史上初の16連騰を記録した勢いそのまま、11月に入っても日本株市場は「沸騰相場」が続いている。11月1日からして日経平均株価は前日比408円高の2万2420円へと急騰し、さっそく約21年ぶりの高値を記録して見せた。

言うまでもなく、この大相場を牽引しているのは日本株市場の全取引の7割を占める外国人投資家たち。

9月の第3週まで9週連続で日本株を売り越していた彼らが、日本株の買いに急遽転じたのには明確な理由がある。ケイ・アセット代表の平野憲一氏が言う。

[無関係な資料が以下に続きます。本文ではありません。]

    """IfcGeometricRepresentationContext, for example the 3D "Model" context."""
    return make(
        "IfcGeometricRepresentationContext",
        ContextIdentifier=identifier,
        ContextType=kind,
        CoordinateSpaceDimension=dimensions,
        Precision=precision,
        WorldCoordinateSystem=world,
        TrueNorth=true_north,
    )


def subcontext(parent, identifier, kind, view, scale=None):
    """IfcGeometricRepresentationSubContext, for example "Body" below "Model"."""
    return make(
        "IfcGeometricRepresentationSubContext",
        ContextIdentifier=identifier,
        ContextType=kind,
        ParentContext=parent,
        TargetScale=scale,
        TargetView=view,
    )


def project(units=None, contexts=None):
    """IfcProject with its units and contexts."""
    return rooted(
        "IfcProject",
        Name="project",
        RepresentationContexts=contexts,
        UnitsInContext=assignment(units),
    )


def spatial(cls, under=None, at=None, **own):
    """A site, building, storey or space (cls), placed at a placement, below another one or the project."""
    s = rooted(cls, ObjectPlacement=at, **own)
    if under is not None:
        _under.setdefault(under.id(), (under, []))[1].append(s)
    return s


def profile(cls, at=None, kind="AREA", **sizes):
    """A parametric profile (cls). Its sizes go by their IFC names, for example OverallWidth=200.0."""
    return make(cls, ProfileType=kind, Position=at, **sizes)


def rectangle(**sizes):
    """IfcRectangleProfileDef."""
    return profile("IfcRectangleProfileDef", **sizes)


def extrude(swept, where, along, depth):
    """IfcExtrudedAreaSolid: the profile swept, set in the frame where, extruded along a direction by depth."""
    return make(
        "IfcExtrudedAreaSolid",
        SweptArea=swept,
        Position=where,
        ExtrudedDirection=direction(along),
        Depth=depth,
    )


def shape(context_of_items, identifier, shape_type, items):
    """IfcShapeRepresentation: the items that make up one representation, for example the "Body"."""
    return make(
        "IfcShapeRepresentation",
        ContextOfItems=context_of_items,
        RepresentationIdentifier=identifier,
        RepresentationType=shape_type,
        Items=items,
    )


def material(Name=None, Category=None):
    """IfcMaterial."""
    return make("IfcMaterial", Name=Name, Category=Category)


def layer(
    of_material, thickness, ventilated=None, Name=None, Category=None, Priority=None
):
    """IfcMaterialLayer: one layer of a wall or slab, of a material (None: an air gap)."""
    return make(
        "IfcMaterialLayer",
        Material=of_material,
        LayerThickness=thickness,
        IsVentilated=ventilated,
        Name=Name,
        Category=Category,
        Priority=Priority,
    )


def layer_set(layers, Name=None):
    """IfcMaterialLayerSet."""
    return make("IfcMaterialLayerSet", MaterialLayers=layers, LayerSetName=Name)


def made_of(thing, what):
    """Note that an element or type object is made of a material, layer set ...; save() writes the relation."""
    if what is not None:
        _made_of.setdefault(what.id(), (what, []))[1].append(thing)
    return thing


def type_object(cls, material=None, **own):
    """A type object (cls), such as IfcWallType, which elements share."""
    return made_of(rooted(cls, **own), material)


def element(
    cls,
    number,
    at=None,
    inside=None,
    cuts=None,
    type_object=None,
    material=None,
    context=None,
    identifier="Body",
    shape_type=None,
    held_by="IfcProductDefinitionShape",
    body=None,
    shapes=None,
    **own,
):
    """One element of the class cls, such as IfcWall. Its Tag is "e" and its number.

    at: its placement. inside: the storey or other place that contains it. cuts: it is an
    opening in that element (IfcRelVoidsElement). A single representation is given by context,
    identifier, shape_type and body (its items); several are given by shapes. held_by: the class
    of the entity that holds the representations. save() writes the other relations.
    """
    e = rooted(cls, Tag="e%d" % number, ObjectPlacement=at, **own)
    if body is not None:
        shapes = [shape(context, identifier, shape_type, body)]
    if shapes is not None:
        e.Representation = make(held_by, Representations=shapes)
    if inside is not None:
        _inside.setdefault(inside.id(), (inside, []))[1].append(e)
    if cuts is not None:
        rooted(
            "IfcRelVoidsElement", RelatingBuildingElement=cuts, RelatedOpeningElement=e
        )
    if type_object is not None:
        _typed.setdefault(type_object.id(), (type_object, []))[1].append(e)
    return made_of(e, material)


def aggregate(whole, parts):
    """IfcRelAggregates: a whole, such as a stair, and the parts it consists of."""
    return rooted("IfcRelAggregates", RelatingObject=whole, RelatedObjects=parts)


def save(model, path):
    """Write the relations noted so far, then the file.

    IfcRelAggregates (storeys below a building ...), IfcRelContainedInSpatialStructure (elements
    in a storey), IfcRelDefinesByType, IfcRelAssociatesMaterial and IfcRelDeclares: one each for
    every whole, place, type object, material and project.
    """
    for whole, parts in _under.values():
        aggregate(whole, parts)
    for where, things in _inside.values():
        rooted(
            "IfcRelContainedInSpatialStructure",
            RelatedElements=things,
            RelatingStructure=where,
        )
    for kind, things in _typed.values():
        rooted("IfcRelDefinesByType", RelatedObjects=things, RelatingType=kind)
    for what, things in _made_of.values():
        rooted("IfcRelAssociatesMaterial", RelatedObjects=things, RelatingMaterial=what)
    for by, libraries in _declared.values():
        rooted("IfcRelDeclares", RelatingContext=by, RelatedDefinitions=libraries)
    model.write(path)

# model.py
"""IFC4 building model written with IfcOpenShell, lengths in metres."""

「外国人投資家が日本株買いに転じたのは、日本の景気回復を確信し始めたのが大きい。彼らが買いを本格化させたのは9月末からですが、これは正社員の有効求人倍率の回復が確実になってきた時期と重なるんです。

正社員の有効求人倍率が1倍を超えたのは今夏が初でしたが、その後も順調に推移し、9月には1.02倍と統計を取り始めて以来過去最高値を叩き出した。

ここ数年は一部の大手企業社員や非正規雇用者の賃金だけが上がってきたが、いよいよ日本全国の正社員にまで賃金上昇が波及し始めた。それに気が付いた外国人投資家たちが、『賃上げ↑本物の景気回復』を信じて、積極的な買いに入った」

外国人投資家による直近4週間での買い越し額は約1兆7000億円。まさに「爆買い」だが、そんな外国人投資家たちが10月から買っていた「株リスト」が本誌独自調査で判明した。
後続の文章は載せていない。